Das zeigt sich auch in den "Spiele des Jahres"-Listen und den Awards: Wo sich sonst die Großen drängeln, finden sich 2021 erstaunlich viele Spiele kleinerer Entwickler. Für alle, die nicht ausschließlich auf Hochglanz-Blockbuster schauen, war 2021 ein mehr als solides Jahr – und wegen diverser Lockdowns und des Mangels an großen Titeln haben sich auch vermehrt AAA-Verfechter mit den "Kleinen" beschäftigt. Ein Blick zurück auf das Indie-Jahr 2021 – mit etwa zwei Dutzend Highlights aus zwölf Monaten.

Frühling ohne AAA

Der Schreck des wackligen "Cyberpunk"-Launchs steckte vielen noch in den Knochen, große Releases gibt's zu Jahresbeginn aber traditionell ohnehin kaum – dieses Jahr war's noch dünner als sonst. Mit "The Medium" des polnischen Indiestudios Bloober Team konnten Horrorfans allerdings schon im Jänner Gänsehaut genießen – DER STANDARD hat getestet. Wer's aufbaustrategischer liebt, griff zum hervorragenden Early-Access-Titel "Dyson Sphere Program", der das Spielprinzip des Indie-Bestsellers "Factorio" in schickes 3D übersetzt. Elf Monate nach dem Frühstart überschlagen sich fast 50.000 "überwältigend positive" Rezensionen mit Lob – wir haben das Spiel schon bei Launch vor den Vorhang geholt.

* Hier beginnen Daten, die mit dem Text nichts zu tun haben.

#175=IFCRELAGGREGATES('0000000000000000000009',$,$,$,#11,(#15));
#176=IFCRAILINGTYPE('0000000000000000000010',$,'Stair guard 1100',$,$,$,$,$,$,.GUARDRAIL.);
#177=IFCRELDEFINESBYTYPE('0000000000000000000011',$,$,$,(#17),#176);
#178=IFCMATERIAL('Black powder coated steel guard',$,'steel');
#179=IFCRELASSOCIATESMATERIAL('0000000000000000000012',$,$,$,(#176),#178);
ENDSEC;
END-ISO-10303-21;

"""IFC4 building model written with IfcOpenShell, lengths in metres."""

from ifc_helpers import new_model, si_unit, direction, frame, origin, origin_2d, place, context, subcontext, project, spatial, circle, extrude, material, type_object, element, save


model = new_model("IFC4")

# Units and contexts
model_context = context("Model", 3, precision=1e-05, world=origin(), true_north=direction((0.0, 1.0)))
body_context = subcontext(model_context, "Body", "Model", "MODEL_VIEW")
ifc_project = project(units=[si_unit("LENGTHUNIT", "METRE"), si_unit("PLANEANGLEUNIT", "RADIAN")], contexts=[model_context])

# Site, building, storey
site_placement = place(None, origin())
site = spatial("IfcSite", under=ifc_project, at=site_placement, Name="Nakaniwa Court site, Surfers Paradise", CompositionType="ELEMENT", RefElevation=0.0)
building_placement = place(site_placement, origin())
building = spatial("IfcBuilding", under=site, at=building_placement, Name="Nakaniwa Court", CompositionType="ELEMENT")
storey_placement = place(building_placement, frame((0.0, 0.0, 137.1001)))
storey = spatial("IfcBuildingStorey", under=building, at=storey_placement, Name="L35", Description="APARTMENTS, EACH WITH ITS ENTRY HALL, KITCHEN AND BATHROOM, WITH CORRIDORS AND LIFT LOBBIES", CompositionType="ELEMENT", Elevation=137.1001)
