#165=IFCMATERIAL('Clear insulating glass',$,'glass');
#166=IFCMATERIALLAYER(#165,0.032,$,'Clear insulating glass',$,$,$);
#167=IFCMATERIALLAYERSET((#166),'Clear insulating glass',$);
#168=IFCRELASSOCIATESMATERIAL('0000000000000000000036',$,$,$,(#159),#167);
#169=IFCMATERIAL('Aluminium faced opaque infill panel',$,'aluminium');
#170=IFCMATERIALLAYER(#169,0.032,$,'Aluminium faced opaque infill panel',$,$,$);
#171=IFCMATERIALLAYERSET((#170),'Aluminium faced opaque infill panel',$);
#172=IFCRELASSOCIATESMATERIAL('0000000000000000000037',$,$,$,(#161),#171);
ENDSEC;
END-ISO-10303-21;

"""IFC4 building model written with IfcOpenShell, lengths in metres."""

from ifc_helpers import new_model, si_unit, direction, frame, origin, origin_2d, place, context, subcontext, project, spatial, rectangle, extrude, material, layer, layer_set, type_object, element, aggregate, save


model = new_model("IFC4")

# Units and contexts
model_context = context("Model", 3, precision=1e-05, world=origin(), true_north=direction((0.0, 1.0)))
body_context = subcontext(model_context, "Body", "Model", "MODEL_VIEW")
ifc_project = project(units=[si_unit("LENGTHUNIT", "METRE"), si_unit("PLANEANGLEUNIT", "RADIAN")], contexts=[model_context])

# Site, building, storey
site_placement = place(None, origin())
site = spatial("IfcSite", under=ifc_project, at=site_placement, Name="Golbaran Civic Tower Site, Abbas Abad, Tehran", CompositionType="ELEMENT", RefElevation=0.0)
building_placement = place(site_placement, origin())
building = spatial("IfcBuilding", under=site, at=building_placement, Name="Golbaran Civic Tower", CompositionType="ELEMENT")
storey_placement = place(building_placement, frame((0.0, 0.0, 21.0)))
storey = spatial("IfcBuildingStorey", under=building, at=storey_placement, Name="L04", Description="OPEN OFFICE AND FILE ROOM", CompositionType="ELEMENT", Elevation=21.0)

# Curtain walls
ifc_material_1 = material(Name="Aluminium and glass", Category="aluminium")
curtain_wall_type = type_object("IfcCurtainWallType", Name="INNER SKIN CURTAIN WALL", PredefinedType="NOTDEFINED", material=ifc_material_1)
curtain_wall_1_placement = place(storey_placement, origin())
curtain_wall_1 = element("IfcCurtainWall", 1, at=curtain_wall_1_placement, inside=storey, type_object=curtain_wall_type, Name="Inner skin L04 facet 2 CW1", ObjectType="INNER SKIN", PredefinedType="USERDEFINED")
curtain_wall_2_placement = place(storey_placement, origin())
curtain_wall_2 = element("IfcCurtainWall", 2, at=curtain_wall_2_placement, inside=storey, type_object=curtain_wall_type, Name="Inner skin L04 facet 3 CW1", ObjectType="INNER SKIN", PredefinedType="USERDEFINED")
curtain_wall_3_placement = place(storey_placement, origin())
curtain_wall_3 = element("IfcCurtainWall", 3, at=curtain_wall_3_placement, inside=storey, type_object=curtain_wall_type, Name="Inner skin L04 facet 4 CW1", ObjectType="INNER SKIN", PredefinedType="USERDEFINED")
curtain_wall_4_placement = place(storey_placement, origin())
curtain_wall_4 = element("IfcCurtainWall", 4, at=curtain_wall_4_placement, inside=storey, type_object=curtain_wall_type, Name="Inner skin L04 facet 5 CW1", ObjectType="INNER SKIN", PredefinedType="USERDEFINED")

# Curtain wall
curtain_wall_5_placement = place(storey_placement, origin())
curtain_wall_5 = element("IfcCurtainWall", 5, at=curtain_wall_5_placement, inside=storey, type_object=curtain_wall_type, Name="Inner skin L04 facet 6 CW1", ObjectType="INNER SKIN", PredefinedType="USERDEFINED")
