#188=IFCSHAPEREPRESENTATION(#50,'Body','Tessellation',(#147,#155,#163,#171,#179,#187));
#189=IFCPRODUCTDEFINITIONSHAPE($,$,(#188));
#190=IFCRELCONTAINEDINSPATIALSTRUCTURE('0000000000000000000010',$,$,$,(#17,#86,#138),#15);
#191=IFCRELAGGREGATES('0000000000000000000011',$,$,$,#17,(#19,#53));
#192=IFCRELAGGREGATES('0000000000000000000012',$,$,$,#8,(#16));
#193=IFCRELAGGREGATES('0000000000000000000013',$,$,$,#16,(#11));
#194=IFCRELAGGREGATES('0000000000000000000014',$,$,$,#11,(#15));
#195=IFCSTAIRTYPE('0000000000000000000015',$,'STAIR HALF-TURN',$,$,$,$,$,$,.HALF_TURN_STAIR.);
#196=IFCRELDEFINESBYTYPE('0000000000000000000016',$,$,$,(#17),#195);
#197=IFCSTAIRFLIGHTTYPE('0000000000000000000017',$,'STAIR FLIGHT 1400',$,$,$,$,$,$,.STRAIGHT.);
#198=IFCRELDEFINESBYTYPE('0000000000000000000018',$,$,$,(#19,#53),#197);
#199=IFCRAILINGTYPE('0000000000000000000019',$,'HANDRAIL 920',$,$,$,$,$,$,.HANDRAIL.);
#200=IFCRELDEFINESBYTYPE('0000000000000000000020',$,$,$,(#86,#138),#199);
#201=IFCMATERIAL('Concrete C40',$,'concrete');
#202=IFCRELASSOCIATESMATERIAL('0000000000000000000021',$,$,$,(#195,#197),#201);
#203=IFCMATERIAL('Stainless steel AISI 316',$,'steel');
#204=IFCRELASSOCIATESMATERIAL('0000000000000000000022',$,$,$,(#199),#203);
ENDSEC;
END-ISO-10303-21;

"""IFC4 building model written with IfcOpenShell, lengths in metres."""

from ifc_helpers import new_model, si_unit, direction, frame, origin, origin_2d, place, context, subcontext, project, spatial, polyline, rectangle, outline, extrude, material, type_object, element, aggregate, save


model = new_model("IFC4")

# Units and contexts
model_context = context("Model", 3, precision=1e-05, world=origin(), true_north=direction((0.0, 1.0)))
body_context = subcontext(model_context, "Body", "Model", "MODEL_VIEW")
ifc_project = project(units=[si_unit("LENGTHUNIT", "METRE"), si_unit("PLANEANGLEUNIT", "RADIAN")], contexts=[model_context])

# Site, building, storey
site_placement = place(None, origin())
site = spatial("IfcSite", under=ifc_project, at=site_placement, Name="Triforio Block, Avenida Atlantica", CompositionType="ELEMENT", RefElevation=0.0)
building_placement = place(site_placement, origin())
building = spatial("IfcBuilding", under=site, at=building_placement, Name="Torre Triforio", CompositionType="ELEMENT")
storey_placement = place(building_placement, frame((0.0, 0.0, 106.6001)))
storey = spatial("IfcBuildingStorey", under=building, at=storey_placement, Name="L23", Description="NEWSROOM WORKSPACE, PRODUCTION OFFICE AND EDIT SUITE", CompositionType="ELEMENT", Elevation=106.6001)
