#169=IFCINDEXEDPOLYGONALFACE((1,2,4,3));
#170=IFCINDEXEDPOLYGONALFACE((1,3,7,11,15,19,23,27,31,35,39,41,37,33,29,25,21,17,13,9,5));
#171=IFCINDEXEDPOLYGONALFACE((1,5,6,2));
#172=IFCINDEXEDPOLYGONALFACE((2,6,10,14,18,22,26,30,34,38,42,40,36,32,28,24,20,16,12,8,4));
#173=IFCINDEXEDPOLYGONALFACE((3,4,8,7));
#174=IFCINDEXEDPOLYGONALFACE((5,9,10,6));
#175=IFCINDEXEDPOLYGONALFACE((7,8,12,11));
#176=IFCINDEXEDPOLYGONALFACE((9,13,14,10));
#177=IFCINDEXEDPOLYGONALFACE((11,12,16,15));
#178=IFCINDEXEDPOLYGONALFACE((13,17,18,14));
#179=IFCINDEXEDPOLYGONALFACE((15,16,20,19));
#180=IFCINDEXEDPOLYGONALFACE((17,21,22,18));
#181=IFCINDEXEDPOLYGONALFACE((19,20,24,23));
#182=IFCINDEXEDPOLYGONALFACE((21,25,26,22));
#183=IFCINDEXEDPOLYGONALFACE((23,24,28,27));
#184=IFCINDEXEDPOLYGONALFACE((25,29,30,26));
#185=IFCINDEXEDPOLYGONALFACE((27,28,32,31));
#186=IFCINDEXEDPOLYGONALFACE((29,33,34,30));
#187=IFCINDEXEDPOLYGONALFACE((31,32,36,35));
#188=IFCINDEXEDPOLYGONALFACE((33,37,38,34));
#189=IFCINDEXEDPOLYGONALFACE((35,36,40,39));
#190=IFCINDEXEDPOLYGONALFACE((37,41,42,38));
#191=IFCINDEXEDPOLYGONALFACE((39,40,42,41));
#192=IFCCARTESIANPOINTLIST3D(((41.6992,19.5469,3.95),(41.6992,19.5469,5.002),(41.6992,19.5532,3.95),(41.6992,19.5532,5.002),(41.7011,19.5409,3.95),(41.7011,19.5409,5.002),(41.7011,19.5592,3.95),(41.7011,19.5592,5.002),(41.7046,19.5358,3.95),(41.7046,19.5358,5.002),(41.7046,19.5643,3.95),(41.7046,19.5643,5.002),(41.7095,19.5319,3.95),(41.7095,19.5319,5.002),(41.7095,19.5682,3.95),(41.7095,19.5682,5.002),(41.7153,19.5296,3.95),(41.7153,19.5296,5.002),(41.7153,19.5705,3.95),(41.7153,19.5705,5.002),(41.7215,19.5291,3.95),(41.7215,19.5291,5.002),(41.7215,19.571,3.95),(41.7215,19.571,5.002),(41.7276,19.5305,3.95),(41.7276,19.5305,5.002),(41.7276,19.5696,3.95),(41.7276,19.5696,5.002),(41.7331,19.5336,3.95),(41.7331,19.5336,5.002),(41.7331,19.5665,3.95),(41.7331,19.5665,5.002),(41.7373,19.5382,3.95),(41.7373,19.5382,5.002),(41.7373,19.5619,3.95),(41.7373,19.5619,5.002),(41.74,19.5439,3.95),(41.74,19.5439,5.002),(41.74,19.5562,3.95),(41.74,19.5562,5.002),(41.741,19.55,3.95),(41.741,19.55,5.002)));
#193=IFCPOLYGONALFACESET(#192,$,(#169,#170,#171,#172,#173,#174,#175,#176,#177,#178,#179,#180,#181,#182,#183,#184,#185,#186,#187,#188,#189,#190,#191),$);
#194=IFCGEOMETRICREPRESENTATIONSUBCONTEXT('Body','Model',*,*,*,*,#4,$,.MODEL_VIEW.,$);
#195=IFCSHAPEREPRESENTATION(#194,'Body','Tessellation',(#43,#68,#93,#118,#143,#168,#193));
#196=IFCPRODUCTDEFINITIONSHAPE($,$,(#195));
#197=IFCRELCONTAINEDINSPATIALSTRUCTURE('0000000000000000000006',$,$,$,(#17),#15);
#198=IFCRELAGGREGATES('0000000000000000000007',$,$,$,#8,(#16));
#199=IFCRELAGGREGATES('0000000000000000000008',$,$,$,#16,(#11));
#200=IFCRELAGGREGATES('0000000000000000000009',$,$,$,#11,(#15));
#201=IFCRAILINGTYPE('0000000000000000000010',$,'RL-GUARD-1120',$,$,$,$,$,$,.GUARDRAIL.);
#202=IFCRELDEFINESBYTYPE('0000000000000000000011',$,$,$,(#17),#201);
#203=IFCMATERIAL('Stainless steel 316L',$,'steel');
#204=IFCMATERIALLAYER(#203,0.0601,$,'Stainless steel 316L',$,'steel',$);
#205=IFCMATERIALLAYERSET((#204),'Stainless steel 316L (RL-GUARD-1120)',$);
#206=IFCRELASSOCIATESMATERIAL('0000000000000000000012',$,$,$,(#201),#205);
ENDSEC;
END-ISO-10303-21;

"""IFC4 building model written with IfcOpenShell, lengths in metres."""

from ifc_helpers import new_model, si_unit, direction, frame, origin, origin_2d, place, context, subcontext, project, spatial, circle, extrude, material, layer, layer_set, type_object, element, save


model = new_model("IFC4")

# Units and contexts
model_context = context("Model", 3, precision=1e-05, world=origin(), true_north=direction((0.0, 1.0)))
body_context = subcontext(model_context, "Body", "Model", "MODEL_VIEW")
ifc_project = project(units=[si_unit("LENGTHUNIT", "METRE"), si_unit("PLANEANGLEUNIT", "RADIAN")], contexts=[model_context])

Der größte Early-Access-Hype des Jahres folgte aber unmittelbar darauf: Das Sandbox-Phänomen "Valheim" ließ im Februar die Blockbuster-Dürre verschmerzen. Seit unserem Test hat sich das Wikingerspiel über acht Millionen Mal verkauft – und ist damit wohl unangefochten das kommerziell erfolgreichste Indiespiel des Jahres. Mit "Little Nightmares 2", "Loop Hero" und "Mundaun" folgten im ersten Jahresviertel noch drei sehr unterschiedliche, einzigartige Indie-Hochkaräter – ein starker Start in ein gutes Jahr für Indiespiele.

Aber ist das noch Indie?

Das zweite Quartal brachte mit "Resident Evil Village", dem Remake von "Mass Effect" und "Outriders" endlich ein wenig AAA-Futter, doch auch in der Preisklasse darunter gab es Grund zur Freude. Mit dem entspannten Kartenlegespiel "Dorfromantik" gelang dem Berliner Indiestudio Toukana ein heimlicher Games-Höhepunkt des Jahres – zahlreiche Awards und knapp 12.000 hymnische Rezensionen auf Steam sprechen ebenso für das Early-Access-Spiel wie der Gewinn in der Kategorie "Bestes Debüt" beim Deutschen Computerspielpreis.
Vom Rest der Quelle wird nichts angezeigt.